Little Disasters
Page 18
‘Are they checking up on me? Perhaps they’re questioning his statement? Why would they doubt him? I’d better text.’ She jabs away at her mobile phone. Maybe she should just call him, but what if he’d contacted the police? She’d avoided him when he got in from football last night; too ashamed to mention her impromptu visit to the hospital which she suspected Lucy would be discussing. When he set off to spend the night at the hospital, she pretended to be asleep.
‘They must want to talk to him about me.’
‘Come on. Let’s go,’ Martha repeats. She has been a source of support, though her presence makes it impossible not to feel redundant. Increasingly, Jess finds herself withdrawing. ‘What did you think about keeping the boys off school?’ Martha prompts her. ‘Are you happy with that?’

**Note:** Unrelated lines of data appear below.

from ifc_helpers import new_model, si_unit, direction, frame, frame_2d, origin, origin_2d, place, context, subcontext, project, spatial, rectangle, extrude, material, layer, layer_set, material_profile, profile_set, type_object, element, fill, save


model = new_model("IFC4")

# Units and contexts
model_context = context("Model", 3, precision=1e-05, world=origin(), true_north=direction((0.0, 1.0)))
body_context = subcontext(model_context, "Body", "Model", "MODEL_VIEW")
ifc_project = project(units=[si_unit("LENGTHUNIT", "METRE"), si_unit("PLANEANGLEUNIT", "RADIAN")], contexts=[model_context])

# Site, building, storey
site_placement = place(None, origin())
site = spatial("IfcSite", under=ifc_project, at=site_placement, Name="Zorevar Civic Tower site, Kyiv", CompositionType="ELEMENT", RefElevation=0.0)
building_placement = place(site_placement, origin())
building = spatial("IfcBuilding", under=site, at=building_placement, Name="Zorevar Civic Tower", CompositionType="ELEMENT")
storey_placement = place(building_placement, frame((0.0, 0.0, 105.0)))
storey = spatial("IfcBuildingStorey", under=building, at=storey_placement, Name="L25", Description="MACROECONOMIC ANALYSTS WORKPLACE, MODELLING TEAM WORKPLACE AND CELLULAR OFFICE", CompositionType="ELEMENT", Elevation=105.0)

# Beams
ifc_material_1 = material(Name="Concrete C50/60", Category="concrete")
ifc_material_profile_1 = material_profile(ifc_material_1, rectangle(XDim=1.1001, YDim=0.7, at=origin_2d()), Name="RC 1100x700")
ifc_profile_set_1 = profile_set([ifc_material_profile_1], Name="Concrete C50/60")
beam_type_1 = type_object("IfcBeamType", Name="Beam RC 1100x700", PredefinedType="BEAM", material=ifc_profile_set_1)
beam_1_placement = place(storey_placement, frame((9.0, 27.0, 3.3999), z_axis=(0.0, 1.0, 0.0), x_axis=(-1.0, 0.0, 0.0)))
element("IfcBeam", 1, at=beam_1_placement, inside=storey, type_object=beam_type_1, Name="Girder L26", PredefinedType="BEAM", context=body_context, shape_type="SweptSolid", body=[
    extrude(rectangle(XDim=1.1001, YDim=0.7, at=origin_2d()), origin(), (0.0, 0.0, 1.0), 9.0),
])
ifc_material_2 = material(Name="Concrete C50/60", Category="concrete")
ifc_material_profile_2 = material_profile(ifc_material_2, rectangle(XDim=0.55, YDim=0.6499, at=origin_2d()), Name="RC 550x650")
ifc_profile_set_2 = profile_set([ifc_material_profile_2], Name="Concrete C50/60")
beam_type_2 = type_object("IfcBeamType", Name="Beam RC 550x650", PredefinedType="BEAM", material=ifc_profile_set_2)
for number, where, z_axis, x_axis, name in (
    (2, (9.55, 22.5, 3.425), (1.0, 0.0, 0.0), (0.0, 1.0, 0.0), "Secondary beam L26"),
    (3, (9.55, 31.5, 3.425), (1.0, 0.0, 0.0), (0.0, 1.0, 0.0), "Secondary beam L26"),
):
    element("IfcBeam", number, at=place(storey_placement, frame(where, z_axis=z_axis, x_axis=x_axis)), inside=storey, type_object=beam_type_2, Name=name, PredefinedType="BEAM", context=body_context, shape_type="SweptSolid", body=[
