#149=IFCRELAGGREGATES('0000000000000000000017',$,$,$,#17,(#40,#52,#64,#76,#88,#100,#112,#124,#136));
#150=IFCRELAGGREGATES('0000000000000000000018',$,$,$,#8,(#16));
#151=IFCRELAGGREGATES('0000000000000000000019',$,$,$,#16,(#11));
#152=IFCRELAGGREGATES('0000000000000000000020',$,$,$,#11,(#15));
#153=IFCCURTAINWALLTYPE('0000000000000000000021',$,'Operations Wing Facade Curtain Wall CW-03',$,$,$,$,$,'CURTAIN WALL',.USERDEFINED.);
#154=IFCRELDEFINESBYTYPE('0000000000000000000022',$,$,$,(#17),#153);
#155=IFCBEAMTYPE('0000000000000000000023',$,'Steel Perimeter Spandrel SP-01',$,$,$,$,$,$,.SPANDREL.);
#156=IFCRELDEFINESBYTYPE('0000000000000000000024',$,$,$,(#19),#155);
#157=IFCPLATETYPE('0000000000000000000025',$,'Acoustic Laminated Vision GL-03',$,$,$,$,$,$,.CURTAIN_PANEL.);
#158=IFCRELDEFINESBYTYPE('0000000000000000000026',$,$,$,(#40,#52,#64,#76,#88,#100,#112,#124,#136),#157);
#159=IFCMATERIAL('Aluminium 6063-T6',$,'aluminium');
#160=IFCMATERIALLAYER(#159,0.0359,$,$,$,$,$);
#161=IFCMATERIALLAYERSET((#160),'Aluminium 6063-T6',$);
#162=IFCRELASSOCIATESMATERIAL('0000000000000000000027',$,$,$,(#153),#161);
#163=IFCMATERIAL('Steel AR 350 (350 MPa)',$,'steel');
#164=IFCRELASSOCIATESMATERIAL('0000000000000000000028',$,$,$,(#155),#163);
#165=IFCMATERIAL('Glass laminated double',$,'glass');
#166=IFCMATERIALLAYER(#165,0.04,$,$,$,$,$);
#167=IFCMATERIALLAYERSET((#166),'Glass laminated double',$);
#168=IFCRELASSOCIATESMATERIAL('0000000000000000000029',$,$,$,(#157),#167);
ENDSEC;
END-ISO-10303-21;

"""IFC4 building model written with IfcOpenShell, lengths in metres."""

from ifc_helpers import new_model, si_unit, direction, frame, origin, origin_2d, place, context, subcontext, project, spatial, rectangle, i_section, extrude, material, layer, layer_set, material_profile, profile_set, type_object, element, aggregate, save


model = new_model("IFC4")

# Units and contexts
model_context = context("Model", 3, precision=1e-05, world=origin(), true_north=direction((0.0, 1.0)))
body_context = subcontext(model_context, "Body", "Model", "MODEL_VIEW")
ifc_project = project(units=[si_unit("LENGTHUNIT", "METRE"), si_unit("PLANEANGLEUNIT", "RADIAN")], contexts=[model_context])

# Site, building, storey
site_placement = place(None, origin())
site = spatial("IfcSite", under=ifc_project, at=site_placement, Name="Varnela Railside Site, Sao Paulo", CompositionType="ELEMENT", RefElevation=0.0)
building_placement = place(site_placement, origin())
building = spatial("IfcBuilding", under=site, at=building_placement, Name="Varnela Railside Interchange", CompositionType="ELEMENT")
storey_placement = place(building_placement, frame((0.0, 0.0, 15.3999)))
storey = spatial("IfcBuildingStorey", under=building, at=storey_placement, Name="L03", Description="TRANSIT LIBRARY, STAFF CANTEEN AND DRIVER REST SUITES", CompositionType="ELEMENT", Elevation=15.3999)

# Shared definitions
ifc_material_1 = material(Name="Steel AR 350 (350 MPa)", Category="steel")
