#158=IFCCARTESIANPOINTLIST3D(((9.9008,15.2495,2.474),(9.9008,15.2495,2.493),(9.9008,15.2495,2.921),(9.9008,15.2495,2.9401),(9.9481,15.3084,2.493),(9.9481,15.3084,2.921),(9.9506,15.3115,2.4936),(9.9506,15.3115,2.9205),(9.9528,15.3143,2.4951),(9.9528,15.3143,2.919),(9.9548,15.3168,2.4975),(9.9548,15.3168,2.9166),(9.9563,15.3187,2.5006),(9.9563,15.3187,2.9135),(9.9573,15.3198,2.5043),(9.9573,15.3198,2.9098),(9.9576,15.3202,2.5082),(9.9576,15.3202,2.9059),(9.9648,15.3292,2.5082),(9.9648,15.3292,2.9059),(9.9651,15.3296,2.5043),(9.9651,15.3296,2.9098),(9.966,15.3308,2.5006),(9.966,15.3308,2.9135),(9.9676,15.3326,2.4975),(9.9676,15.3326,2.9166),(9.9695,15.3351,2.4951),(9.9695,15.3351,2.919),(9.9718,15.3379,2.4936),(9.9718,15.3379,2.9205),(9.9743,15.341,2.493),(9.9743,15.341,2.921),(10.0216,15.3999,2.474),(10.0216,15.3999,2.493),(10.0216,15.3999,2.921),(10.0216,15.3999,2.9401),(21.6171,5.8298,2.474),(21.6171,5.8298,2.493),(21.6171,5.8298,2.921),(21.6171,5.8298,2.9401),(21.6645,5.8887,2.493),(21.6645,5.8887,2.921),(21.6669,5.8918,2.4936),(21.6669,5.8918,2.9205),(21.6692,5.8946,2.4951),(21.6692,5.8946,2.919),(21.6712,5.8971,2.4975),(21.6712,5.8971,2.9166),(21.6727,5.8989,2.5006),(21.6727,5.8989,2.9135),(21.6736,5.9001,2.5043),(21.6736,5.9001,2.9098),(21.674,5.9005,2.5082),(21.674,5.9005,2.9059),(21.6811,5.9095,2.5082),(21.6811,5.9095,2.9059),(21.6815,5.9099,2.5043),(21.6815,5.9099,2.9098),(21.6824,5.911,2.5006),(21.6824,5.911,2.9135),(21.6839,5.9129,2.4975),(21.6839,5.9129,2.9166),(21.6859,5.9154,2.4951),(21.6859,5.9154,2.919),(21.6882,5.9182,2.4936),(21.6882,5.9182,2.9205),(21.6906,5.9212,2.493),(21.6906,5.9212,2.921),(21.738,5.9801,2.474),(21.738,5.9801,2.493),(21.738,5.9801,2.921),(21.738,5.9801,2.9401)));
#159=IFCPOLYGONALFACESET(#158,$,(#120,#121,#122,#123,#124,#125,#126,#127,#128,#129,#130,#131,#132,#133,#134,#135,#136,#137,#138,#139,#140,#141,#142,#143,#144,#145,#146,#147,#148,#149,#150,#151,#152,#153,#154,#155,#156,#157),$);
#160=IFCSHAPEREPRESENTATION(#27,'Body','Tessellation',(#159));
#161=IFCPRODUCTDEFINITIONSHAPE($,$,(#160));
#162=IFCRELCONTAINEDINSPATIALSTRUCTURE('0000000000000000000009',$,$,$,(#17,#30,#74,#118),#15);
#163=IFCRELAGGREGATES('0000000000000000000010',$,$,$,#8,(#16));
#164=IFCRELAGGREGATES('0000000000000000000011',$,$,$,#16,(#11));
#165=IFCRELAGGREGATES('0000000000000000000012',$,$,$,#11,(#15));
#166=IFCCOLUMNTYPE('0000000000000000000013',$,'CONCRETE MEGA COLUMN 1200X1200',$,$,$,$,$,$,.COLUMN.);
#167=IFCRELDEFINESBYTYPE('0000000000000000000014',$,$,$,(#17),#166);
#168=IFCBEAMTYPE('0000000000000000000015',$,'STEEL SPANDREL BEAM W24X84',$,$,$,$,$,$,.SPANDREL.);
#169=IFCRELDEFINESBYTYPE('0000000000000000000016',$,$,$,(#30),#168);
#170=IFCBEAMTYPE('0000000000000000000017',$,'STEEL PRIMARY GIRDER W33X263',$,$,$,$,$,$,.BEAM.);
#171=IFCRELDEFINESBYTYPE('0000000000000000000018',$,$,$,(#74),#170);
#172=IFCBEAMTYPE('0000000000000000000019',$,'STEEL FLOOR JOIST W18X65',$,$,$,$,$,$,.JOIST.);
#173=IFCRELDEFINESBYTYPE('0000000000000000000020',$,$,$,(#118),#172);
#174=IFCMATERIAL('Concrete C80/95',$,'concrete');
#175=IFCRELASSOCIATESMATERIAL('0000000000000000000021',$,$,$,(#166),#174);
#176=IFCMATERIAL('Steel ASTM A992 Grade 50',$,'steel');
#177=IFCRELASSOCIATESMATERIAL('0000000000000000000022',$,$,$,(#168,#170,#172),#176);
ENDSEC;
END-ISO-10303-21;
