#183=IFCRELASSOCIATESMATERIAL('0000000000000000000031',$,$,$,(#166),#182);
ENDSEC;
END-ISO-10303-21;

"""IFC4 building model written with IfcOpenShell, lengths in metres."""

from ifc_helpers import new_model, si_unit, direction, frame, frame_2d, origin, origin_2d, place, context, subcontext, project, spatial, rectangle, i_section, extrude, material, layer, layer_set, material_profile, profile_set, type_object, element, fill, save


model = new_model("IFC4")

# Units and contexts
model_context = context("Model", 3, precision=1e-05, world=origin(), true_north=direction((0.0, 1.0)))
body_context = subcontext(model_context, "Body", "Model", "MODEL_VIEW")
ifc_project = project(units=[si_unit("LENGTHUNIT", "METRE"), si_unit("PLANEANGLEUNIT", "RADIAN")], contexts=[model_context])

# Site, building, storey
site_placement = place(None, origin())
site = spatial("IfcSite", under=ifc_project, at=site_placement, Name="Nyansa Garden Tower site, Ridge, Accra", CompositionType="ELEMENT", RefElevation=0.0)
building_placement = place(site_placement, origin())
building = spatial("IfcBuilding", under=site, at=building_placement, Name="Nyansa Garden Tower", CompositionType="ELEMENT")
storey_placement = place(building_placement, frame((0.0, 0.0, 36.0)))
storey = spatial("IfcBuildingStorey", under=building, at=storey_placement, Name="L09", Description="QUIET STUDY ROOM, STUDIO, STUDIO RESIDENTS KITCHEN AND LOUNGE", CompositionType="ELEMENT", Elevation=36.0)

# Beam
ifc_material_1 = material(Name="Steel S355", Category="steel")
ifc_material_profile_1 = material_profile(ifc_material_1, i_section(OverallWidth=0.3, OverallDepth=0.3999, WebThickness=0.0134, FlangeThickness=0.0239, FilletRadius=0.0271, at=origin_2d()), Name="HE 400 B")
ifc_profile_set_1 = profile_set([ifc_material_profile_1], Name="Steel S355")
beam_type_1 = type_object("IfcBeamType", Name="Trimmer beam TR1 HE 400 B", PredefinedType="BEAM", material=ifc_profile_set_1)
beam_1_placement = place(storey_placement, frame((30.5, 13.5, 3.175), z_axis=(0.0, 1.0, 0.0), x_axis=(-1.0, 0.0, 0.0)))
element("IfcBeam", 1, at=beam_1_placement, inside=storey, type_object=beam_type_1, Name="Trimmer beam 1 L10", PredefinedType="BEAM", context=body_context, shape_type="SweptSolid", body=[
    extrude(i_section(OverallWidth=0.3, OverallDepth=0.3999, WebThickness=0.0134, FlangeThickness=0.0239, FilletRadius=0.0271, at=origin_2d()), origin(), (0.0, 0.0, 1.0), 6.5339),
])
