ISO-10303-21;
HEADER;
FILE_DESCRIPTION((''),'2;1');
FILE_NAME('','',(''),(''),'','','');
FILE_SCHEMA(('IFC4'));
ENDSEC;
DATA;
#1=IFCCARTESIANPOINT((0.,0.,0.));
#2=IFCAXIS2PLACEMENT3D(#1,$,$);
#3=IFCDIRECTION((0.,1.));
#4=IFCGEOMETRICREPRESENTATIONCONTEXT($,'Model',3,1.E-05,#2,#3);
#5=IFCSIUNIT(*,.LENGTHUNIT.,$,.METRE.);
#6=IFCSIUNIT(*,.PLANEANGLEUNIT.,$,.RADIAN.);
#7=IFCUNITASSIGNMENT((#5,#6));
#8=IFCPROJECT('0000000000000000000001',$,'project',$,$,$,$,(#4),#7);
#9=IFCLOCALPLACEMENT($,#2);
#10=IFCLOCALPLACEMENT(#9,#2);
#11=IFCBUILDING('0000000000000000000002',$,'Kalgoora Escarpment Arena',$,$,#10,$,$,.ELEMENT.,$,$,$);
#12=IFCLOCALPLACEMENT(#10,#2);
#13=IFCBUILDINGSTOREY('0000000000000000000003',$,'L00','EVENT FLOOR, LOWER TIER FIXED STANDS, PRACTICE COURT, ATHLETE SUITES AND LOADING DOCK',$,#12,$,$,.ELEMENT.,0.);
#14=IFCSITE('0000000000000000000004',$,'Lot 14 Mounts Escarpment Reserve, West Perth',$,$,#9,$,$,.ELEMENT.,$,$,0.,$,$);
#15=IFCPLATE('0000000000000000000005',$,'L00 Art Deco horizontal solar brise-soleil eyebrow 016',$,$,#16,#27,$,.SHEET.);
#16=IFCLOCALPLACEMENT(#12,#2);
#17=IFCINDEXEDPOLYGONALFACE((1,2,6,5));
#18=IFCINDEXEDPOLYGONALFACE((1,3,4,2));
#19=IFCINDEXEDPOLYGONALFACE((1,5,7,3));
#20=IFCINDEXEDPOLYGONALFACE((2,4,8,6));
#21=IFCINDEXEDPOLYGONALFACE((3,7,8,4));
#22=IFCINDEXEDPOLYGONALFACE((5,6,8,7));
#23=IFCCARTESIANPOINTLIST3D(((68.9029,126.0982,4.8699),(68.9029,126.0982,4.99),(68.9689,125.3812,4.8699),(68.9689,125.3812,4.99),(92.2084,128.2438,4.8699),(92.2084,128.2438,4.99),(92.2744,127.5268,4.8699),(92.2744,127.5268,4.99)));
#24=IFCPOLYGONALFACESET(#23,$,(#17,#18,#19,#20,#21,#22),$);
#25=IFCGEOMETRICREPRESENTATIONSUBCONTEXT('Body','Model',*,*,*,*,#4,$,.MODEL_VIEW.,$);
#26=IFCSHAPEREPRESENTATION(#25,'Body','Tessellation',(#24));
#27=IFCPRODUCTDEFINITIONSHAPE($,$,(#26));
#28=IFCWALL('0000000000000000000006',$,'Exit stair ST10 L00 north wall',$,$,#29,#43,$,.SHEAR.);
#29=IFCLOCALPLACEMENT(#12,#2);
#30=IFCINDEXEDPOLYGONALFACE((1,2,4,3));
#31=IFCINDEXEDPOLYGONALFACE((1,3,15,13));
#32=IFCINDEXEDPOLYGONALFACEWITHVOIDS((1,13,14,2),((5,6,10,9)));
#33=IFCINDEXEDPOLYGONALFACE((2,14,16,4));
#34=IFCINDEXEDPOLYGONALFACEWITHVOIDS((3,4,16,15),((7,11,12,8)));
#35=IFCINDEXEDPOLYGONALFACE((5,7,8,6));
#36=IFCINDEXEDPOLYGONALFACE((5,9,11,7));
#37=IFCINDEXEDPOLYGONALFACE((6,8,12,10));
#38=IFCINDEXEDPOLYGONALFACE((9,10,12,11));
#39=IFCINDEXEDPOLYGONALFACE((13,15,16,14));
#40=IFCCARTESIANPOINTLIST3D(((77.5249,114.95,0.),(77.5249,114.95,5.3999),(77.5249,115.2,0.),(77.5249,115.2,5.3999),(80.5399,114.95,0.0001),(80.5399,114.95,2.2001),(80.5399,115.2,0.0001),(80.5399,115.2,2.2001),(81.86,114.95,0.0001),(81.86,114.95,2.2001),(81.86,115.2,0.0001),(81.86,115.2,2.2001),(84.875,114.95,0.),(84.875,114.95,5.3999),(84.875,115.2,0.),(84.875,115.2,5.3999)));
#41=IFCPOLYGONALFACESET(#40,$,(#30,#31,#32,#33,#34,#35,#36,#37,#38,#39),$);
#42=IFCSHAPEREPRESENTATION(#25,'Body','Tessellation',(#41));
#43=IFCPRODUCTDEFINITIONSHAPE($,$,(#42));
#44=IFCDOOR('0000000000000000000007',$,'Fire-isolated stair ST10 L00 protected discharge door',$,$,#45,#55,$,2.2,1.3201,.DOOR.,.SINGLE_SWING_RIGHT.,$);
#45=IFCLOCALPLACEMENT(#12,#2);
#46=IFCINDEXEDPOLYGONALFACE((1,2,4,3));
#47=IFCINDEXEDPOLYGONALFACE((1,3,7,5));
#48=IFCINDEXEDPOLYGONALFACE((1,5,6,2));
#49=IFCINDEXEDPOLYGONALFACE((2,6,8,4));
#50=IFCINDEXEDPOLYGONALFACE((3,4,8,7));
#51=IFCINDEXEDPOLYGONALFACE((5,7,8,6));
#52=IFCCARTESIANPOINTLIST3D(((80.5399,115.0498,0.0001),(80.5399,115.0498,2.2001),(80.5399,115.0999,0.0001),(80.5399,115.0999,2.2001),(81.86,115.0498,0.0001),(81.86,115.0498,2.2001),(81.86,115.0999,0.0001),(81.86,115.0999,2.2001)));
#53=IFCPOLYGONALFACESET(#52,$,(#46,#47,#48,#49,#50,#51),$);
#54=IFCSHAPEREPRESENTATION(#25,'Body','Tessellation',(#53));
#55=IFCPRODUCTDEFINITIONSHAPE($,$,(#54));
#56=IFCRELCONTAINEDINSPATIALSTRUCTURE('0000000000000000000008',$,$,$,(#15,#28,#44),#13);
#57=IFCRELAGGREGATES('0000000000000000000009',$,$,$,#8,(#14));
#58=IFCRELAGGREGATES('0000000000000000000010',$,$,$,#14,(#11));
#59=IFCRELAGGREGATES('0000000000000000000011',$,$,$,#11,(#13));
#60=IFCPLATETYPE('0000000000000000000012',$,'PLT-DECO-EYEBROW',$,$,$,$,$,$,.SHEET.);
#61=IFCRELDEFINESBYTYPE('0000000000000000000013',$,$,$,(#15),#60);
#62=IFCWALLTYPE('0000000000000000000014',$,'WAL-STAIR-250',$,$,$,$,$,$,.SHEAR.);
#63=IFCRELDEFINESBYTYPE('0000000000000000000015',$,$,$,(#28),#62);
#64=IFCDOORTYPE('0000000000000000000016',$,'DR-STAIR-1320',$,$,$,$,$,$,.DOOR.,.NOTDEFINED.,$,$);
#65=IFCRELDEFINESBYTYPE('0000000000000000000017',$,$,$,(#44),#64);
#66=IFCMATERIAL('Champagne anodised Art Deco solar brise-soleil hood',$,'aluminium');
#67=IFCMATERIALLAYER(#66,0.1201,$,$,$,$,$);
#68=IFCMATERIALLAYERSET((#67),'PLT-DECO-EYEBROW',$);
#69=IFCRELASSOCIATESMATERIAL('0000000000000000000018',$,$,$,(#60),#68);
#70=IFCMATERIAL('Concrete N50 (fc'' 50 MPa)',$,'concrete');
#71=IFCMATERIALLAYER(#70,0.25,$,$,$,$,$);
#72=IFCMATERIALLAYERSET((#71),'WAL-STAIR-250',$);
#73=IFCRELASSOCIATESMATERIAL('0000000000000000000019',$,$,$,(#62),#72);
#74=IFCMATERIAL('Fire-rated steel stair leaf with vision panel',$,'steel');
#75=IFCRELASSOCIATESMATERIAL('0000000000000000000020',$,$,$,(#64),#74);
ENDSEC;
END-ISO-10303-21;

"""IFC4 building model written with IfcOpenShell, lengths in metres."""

from ifc_helpers import new_model, si_unit, direction, frame, frame_2d, origin, origin_2d, place, context, subcontext, project, spatial, rectangle, extrude, material, layer, layer_set, type_object, element, fill, save


model = new_model("IFC4")

# Units and contexts
model_context = context("Model", 3, precision=1e-05, world=origin(), true_north=direction((0.0, 1.0)))
body_context = subcontext(model_context, "Body", "Model", "MODEL_VIEW")
ifc_project = project(units=[si_unit("LENGTHUNIT", "METRE"), si_unit("PLANEANGLEUNIT", "RADIAN")], contexts=[model_context])

# Site, building, storey
site_placement = place(None, origin())
site = spatial("IfcSite", under=ifc_project, at=site_placement, Name="Lot 14 Mounts Escarpment Reserve, West Perth", CompositionType="ELEMENT", RefElevation=0.0)
building_placement = place(site_placement, origin())
building = spatial("IfcBuilding", under=site, at=building_placement, Name="Kalgoora Escarpment Arena", CompositionType="ELEMENT")
storey_placement = place(building_placement, origin())
storey = spatial("IfcBuildingStorey", under=building, at=storey_placement, Name="L00", Description="EVENT FLOOR, LOWER TIER FIXED STANDS, PRACTICE COURT, ATHLETE SUITES AND LOADING DOCK", CompositionType="ELEMENT", Elevation=0.0)

# Plate
ifc_material_1 = material(Name="Champagne anodised Art Deco solar brise-soleil hood", Category="aluminium")
ifc_layer_1 = layer(ifc_material_1, 0.1201)
ifc_layer_set_1 = layer_set([ifc_layer_1], Name="PLT-DECO-EYEBROW")
plate_type = type_object("IfcPlateType", Name="PLT-DECO-EYEBROW", PredefinedType="SHEET", material=ifc_layer_set_1)
plate_placement = place(storey_placement, frame((80.5886, 126.8125, 4.8699), z_axis=(0.0, 0.0, 1.0), x_axis=(0.995789, 0.091675, 0.0)))
element("IfcPlate", 1, at=plate_placement, inside=storey, type_object=plate_type, Name="L00 Art Deco horizontal solar brise-soleil eyebrow 016", PredefinedType="SHEET", context=body_context, shape_type="SweptSolid", body=[
    extrude(rectangle(XDim=23.4041, YDim=0.72, at=origin_2d()), origin(), (0.0, 0.0, 1.0), 0.1201),
])

# Wall, opening, door
ifc_material_2 = material(Name="Concrete N50 (fc' 50 MPa)", Category="concrete")
ifc_layer_2 = layer(ifc_material_2, 0.25)
ifc_layer_set_2 = layer_set([ifc_layer_2], Name="WAL-STAIR-250")
wall_type = type_object("IfcWallType", Name="WAL-STAIR-250", PredefinedType="SHEAR", material=ifc_layer_set_2)
wall_placement = place(storey_placement, frame((77.5249, 115.075, 0.0), z_axis=(0.0, 0.0, 1.0), x_axis=(1.0, 0.0, 0.0)))
wall = element("IfcWall", 2, at=wall_placement, inside=storey, type_object=wall_type, Name="Exit stair ST10 L00 north wall", PredefinedType="SHEAR", context=body_context, shape_type="SweptSolid", body=[
    extrude(rectangle(XDim=7.3501, YDim=0.25, at=frame_2d((3.675, 0.0))), origin(), (0.0, 0.0, 1.0), 5.3999),
])
opening_placement = place(wall_placement, frame((3.0149, 0.0, 0.0)))
opening = element("IfcOpeningElement", 3, at=opening_placement, cuts=wall, PredefinedType="OPENING", context=body_context, shape_type="SweptSolid", body=[
    extrude(rectangle(XDim=1.3201, YDim=2.2, at=frame_2d((0.6602, 1.1001))), frame((0.0, 0.135, 0.0), z_axis=(0.0, -1.0, 0.0), x_axis=(1.0, 0.0, 0.0)), (0.0, 0.0, 1.0), 0.27),
])
ifc_material_3 = material(Name="Fire-rated steel stair leaf with vision panel", Category="steel")
door_type = type_object("IfcDoorType", Name="DR-STAIR-1320", OperationType="NOTDEFINED", PredefinedType="DOOR", material=ifc_material_3)
door_placement = place(opening_placement, origin())
door = element("IfcDoor", 4, at=door_placement, inside=storey, type_object=door_type, Name="Fire-isolated stair ST10 L00 protected discharge door", OperationType="SINGLE_SWING_RIGHT", OverallHeight=2.2, OverallWidth=1.3201, PredefinedType="DOOR", context=body_context, shape_type="SweptSolid", body=[
    extrude(rectangle(XDim=1.3201, YDim=2.2, at=frame_2d((0.6602, 1.1001))), frame((0.0, 0.0249, 0.0), z_axis=(0.0, -1.0, 0.0), x_axis=(1.0, 0.0, 0.0)), (0.0, 0.0, 1.0), 0.05),
])
fill(opening, door)

save(model, "model.ifc")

‘Yes, yes.’ She is so distracted she barely takes it in.
‘Did you hear that, boys? We’re going to skive for the day!’
Frankie punches the air and starts running around the room; Kit smiles at his aunt’s rebellion.
‘Some fresh air will do them good.’ Martha starts filling water bottles. ‘We’re not going to stay in, cooped up. We’re going to explore.’
*
They set out for Richmond Park. Jess manoeuvres her four-by-four through the London traffic; her driving by turns reckless and tentative.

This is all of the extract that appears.